Brazil is a tropical country! It’s never cold there, right? Wrong.
Curitiba, down in the south, was hovering about zero degrees and frosty when we arrived from the São Paulo coast. It’s the coldest place we’ve encountered so far, and on their coldest weekend of the year so far. We needed every layer we could wear, even indoors!
We were very lucky to be hosted by Yves, who found us through Couchsurfing. A great, generous guy, he took us out at night, showed us his city, and gave us plenty of tips for our brief visit. He shared crazy stories with us, from his time working as a missionary in the favelas of Rio. Trying to spread the word of God to drug-addled traficantes is an unenviable task. We learned a little bit about the Mormon religion too. Keep up the good work Yves!
One tip for Couchsurfing in Brazil, vs other countries. We’ve found in Ireland and Europe that usually you need to send a message a week or two ahead of time to be sure you get a place to stay. In Brazil- it’s 3 days. Any further out than that and you won’t get anything back but a wave of “no’s”.

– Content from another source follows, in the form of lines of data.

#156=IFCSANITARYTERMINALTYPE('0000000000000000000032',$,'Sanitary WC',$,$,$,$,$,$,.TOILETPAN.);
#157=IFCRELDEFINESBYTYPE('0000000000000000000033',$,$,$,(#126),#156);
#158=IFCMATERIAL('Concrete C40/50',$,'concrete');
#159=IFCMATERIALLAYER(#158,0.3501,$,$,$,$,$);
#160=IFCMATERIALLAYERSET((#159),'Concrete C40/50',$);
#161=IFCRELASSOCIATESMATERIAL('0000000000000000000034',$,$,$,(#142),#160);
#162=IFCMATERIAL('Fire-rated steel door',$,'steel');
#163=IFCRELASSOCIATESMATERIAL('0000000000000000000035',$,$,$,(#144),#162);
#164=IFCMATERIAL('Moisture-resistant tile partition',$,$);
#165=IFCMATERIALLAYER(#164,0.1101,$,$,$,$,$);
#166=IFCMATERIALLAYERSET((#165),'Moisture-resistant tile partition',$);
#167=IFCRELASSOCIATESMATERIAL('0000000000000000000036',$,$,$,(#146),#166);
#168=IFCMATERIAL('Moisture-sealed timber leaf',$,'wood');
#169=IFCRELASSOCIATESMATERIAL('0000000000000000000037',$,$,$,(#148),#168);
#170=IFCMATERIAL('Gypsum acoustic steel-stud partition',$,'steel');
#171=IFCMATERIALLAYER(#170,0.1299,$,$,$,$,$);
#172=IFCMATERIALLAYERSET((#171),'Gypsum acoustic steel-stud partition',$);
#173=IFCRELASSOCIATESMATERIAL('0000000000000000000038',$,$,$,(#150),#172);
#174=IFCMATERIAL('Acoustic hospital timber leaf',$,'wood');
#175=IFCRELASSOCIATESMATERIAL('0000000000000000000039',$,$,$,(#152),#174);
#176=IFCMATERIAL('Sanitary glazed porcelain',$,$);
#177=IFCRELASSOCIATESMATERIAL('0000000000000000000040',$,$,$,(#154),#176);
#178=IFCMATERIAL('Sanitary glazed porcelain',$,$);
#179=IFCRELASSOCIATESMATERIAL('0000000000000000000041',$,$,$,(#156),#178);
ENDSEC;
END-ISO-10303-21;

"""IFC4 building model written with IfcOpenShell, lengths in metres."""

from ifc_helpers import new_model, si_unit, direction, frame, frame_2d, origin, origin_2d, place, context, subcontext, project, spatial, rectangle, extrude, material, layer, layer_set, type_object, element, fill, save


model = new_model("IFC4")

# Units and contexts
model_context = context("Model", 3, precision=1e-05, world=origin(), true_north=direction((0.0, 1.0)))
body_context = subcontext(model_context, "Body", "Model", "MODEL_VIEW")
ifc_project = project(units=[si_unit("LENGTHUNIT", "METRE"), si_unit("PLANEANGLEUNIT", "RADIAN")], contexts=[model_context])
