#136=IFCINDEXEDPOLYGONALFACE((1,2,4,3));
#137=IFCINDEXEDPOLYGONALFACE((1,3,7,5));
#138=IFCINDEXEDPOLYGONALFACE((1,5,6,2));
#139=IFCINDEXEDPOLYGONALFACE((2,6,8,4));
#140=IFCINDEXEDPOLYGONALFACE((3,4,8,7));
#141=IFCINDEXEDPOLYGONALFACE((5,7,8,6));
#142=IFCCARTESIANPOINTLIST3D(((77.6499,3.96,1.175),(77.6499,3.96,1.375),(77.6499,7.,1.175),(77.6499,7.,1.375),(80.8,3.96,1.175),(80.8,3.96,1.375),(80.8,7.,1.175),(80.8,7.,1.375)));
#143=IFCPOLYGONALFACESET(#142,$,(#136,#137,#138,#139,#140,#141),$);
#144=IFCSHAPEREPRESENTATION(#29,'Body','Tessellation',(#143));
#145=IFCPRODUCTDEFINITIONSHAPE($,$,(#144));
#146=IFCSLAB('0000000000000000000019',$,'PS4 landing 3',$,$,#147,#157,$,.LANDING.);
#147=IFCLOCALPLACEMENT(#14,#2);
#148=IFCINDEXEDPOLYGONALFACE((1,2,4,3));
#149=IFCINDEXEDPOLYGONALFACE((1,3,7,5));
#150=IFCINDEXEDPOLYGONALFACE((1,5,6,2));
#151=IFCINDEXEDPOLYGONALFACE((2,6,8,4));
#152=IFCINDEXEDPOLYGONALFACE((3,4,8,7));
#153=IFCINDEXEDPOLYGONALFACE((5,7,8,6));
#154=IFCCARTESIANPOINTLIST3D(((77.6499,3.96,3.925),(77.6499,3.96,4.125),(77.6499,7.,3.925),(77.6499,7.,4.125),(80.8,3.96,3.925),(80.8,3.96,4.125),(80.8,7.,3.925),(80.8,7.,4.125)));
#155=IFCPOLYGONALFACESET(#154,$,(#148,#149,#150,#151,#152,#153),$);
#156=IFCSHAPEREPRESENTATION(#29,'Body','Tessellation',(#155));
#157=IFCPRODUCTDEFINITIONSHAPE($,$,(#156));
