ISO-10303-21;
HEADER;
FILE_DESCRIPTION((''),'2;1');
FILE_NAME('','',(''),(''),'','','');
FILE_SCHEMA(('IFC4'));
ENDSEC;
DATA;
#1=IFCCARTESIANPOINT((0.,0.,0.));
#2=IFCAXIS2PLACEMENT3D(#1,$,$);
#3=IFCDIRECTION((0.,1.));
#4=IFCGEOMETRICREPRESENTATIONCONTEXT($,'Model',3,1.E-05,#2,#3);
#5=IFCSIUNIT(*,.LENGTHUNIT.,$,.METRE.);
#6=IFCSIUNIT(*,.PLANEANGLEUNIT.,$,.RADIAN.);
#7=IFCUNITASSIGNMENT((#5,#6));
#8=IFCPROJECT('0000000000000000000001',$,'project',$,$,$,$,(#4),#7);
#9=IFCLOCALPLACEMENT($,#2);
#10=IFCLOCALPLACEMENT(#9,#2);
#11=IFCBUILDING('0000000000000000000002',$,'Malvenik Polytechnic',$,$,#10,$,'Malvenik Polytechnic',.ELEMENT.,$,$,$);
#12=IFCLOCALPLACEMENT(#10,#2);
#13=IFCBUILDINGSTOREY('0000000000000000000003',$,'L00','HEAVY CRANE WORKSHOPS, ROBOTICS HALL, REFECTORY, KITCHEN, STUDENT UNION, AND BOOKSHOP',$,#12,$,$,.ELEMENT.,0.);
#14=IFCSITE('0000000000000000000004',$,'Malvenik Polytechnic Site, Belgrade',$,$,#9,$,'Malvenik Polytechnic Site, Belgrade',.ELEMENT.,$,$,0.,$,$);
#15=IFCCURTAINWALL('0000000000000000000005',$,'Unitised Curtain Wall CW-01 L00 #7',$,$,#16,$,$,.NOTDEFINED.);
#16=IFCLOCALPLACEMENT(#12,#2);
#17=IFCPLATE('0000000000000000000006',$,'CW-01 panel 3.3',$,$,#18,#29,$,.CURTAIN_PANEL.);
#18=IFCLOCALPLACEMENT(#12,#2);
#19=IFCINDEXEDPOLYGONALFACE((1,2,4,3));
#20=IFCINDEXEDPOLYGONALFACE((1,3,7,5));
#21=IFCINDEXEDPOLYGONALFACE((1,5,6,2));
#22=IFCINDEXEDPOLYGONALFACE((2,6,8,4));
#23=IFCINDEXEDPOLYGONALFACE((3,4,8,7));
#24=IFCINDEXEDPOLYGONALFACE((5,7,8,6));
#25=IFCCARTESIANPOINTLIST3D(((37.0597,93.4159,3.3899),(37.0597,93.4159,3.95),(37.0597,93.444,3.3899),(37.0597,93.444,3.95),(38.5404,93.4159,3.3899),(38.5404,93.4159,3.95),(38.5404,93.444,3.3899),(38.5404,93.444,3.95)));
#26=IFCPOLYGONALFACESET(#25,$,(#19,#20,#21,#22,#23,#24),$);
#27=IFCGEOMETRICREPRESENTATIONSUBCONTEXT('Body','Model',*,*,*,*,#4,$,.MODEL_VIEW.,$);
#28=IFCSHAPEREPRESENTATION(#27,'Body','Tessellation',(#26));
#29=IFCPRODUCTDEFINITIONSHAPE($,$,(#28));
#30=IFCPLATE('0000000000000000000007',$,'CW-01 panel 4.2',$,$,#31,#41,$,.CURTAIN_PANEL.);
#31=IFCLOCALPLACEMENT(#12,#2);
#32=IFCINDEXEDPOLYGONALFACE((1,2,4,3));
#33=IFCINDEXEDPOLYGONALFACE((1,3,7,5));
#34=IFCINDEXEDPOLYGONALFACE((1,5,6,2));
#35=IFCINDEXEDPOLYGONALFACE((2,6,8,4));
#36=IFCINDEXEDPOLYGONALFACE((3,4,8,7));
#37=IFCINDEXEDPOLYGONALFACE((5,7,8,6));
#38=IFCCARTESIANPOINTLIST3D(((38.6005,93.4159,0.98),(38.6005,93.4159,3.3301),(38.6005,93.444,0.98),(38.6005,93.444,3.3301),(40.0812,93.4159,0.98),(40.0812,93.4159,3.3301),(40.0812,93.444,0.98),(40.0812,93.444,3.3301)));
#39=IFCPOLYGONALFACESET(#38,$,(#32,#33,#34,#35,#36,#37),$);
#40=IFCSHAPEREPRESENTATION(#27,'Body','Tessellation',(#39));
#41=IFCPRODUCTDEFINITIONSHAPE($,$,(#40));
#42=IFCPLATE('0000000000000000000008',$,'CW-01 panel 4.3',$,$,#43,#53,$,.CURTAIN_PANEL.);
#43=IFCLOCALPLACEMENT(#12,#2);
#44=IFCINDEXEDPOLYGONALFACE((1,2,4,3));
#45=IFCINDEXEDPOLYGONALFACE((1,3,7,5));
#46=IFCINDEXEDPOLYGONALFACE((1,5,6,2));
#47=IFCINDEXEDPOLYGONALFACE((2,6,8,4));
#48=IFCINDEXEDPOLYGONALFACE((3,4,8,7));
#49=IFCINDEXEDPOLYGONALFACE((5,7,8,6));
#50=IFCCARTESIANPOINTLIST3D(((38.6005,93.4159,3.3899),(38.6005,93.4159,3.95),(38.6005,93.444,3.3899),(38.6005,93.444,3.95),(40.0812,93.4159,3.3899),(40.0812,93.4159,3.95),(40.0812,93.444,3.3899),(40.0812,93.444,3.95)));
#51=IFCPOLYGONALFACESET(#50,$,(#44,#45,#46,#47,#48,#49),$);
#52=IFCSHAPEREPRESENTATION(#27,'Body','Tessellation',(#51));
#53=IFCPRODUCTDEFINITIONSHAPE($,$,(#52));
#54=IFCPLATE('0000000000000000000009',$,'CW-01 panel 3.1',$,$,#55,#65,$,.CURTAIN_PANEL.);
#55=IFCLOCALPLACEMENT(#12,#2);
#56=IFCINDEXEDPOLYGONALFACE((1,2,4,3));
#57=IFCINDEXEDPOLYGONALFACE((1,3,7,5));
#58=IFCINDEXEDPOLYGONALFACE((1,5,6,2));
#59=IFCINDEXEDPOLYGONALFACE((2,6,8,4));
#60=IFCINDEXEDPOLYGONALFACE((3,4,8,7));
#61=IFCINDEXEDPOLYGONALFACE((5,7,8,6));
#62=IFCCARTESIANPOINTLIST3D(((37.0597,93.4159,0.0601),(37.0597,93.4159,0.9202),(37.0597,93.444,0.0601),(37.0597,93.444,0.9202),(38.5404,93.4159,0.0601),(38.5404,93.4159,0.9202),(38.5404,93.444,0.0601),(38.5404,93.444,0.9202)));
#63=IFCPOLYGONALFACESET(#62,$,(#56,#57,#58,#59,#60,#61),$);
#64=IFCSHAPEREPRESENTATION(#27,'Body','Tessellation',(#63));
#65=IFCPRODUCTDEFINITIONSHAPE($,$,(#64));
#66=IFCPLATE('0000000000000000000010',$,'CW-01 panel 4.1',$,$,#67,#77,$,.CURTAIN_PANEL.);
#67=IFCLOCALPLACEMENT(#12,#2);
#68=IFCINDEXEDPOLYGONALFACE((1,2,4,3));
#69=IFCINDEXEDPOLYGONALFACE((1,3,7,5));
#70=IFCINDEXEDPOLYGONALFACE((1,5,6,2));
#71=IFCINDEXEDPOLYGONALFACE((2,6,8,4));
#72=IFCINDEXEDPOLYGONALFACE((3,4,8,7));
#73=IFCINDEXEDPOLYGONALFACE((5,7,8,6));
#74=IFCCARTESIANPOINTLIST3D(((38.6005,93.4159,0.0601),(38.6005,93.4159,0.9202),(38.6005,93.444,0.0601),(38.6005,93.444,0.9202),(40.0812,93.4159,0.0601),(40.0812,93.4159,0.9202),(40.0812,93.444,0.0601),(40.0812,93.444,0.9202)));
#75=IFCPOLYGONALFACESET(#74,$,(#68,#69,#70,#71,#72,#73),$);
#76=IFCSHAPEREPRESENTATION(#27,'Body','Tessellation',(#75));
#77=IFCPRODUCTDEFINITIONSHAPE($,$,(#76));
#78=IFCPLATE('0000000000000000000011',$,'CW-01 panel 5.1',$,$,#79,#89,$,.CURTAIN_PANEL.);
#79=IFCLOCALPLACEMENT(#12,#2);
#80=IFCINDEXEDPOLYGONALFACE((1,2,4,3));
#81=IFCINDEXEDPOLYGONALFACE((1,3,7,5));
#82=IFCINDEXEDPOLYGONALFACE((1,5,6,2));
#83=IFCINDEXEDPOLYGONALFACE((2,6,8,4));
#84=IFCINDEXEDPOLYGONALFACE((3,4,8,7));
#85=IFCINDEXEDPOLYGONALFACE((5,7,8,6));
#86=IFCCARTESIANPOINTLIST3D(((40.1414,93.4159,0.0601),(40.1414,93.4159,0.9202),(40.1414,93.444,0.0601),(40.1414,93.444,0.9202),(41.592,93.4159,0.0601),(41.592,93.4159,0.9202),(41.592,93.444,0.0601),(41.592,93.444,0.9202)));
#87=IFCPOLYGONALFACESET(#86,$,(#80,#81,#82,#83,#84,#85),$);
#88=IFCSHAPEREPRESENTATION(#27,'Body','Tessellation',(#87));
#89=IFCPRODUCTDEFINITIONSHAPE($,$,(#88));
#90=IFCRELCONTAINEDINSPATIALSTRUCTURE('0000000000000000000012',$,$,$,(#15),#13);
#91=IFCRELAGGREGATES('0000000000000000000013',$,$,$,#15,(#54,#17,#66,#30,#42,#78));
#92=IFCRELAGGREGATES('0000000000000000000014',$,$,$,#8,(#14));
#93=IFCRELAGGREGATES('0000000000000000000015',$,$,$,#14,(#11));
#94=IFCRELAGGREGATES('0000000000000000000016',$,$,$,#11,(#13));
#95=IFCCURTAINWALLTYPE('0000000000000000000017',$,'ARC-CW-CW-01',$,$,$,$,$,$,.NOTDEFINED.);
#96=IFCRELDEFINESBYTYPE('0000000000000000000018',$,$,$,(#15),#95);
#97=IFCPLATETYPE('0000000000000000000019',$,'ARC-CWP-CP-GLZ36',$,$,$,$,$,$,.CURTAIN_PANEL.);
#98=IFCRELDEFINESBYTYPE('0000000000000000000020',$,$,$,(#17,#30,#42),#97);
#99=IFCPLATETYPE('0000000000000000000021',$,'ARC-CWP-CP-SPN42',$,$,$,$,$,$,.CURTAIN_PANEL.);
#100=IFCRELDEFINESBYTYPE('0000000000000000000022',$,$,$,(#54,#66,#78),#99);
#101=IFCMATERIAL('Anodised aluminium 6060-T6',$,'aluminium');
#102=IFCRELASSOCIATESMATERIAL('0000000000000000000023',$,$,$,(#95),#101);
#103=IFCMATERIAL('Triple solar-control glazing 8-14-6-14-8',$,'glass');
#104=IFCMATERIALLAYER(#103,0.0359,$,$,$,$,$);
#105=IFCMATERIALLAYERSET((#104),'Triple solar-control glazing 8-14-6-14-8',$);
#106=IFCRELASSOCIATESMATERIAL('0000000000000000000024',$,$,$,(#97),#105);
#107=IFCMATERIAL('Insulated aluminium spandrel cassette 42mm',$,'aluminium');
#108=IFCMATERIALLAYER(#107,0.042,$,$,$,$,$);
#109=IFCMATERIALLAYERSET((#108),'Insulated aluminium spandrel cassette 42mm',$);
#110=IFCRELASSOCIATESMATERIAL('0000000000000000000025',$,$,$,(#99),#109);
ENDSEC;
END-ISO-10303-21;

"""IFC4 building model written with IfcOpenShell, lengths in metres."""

from ifc_helpers import new_model, si_unit, direction, frame, origin, origin_2d, place, context, subcontext, project, spatial, rectangle, extrude, material, layer, layer_set, type_object, element, aggregate, save


model = new_model("IFC4")

# Units and contexts
model_context = context("Model", 3, precision=1e-05, world=origin(), true_north=direction((0.0, 1.0)))
body_context = subcontext(model_context, "Body", "Model", "MODEL_VIEW")
ifc_project = project(units=[si_unit("LENGTHUNIT", "METRE"), si_unit("PLANEANGLEUNIT", "RADIAN")], contexts=[model_context])

# Site, building, storey
site_placement = place(None, origin())
site = spatial("IfcSite", under=ifc_project, at=site_placement, Name="Malvenik Polytechnic Site, Belgrade", LongName="Malvenik Polytechnic Site, Belgrade", CompositionType="ELEMENT", RefElevation=0.0)
building_placement = place(site_placement, origin())
building = spatial("IfcBuilding", under=site, at=building_placement, Name="Malvenik Polytechnic", LongName="Malvenik Polytechnic", CompositionType="ELEMENT")
storey_placement = place(building_placement, origin())
storey = spatial("IfcBuildingStorey", under=building, at=storey_placement, Name="L00", Description="HEAVY CRANE WORKSHOPS, ROBOTICS HALL, REFECTORY, KITCHEN, STUDENT UNION, AND BOOKSHOP", CompositionType="ELEMENT", Elevation=0.0)

# Curtain wall, plates
ifc_material_1 = material(Name="Anodised aluminium 6060-T6", Category="aluminium")
curtain_wall_type = type_object("IfcCurtainWallType", Name="ARC-CW-CW-01", PredefinedType="NOTDEFINED", material=ifc_material_1)
curtain_wall_placement = place(storey_placement, origin())
curtain_wall = element("IfcCurtainWall", 1, at=curtain_wall_placement, inside=storey, type_object=curtain_wall_type, Name="Unitised Curtain Wall CW-01 L00 #7", PredefinedType="NOTDEFINED")
ifc_material_2 = material(Name="Triple solar-control glazing 8-14-6-14-8", Category="glass")
ifc_layer_1 = layer(ifc_material_2, 0.0359)
ifc_layer_set_1 = layer_set([ifc_layer_1], Name="Triple solar-control glazing 8-14-6-14-8")
plate_type_1 = type_object("IfcPlateType", Name="ARC-CWP-CP-GLZ36", PredefinedType="CURTAIN_PANEL", material=ifc_layer_set_1)
plate_1_placement = place(storey_placement, frame((37.8, 93.4299, 3.3899), z_axis=(0.0, 0.0, 1.0), x_axis=(1.0, 0.0, 0.0)))
plate_1 = element("IfcPlate", 2, at=plate_1_placement, type_object=plate_type_1, Name="CW-01 panel 3.3", PredefinedType="CURTAIN_PANEL", context=body_context, shape_type="SweptSolid", body=[
    extrude(rectangle(XDim=1.4807, YDim=0.0281, at=origin_2d()), origin(), (0.0, 0.0, 1.0), 0.5601),
])
plate_2_placement = place(storey_placement, frame((39.3408, 93.4299, 0.98), z_axis=(0.0, 0.0, 1.0), x_axis=(1.0, 0.0, 0.0)))
plate_2 = element("IfcPlate", 3, at=plate_2_placement, type_object=plate_type_1, Name="CW-01 panel 4.2", PredefinedType="CURTAIN_PANEL", context=body_context, shape_type="SweptSolid", body=[
    extrude(rectangle(XDim=1.4807, YDim=0.0281, at=origin_2d()), origin(), (0.0, 0.0, 1.0), 2.3501),
])
plate_3_placement = place(storey_placement, frame((39.3408, 93.4299, 3.3899), z_axis=(0.0, 0.0, 1.0), x_axis=(1.0, 0.0, 0.0)))
plate_3 = element("IfcPlate", 4, at=plate_3_placement, type_object=plate_type_1, Name="CW-01 panel 4.3", PredefinedType="CURTAIN_PANEL", context=body_context, shape_type="SweptSolid", body=[
    extrude(rectangle(XDim=1.4807, YDim=0.0281, at=origin_2d()), origin(), (0.0, 0.0, 1.0), 0.5601),
])
ifc_material_3 = material(Name="Insulated aluminium spandrel cassette 42mm", Category="aluminium")
ifc_layer_2 = layer(ifc_material_3, 0.042)
ifc_layer_set_2 = layer_set([ifc_layer_2], Name="Insulated aluminium spandrel cassette 42mm")
plate_type_2 = type_object("IfcPlateType", Name="ARC-CWP-CP-SPN42", PredefinedType="CURTAIN_PANEL", material=ifc_layer_set_2)
plate_4_placement = place(storey_placement, frame((37.8, 93.4299, 0.0601), z_axis=(0.0, 0.0, 1.0), x_axis=(1.0, 0.0, 0.0)))
plate_4 = element("IfcPlate", 5, at=plate_4_placement, type_object=plate_type_2, Name="CW-01 panel 3.1", PredefinedType="CURTAIN_PANEL", context=body_context, shape_type="SweptSolid", body=[
    extrude(rectangle(XDim=1.4807, YDim=0.0281, at=origin_2d()), origin(), (0.0, 0.0, 1.0), 0.8601),
])
plate_5_placement = place(storey_placement, frame((39.3408, 93.4299, 0.0601), z_axis=(0.0, 0.0, 1.0), x_axis=(1.0, 0.0, 0.0)))
plate_5 = element("IfcPlate", 6, at=plate_5_placement, type_object=plate_type_2, Name="CW-01 panel 4.1", PredefinedType="CURTAIN_PANEL", context=body_context, shape_type="SweptSolid", body=[
    extrude(rectangle(XDim=1.4807, YDim=0.0281, at=origin_2d()), origin(), (0.0, 0.0, 1.0), 0.8601),
])
plate_6_placement = place(storey_placement, frame((40.8667, 93.4299, 0.0601), z_axis=(0.0, 0.0, 1.0), x_axis=(1.0, 0.0, 0.0)))
plate_6 = element("IfcPlate", 7, at=plate_6_placement, type_object=plate_type_2, Name="CW-01 panel 5.1", PredefinedType="CURTAIN_PANEL", context=body_context, shape_type="SweptSolid", body=[
    extrude(rectangle(XDim=1.4507, YDim=0.0281, at=origin_2d()), origin(), (0.0, 0.0, 1.0), 0.8601),
])
aggregate(curtain_wall, [plate_4, plate_1, plate_5, plate_2, plate_3, plate_6])

save(model, "model.ifc")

Curitiba saw waves of immigration from Ukraine and Germany early in the 20th century, and has some well-kept parks to commemorate these events. The Ukrainian memorial has a replica Eastern Orthodox church, built of wood, and open to the public.
The German memorial is a park too, with an events hall, a cafe serving strudel, and a wobbly wooden tower. In the centre, you can celebrate German culture even more with a great beer selection, something difficult to find in any of the states up north we’d previously passed through.
One spot worth visiting is the “Chicken House Rock Bar”, a tiny room opening onto the street, with a busy crowd & musicians playing outside every night of the week. The streets nearby are full of bars, people were spilling out of every door we passed, everyone with a hot wine in their hand. Winter was in the air!
No Brazilian city would be complete without an enormous Oscar Niemeyer construction, and Curitiba’s sets the bar high. A huge “eye” rises above a reflecting pool and events centre. Every sunny afternoon it’s a gathering place, and a good spot to do some people watching.
Brazil’s involvement in World War 2 is little-known, even in Brazil itself. Most of the Brazilian troops who fought in Europe came from the southern states, especially Paraná. The Museu do Expedicionarios tells their story, with an impressive collection of vintage firearms, uniforms and captured Nazi memorabilia.
After a brief stop at the botanic gardens (Not so impressive in winter), we passed through ancient Egypt. There’s a bit of everything here!
In our next post, we’ll take a deeper look at Brazil in WW2.
- Strudel & Coffee at the German Memorial: R$9 / €2.50
- Dinner at Quintal do Monge brew pub: R$24 / €7
- Snacks at Botanic Gardens café: R$4 / €1
- Botanic Gardens entrance: Free!
- Museu do Expedicionarios: Free!
- Ukranian Memorial: Free!
- German Memorial: Free!
- Hot drinks at Chicken House Rock Bar: From R$5 / €1.50
It was very nice to know you guys!!! Live long and prosper!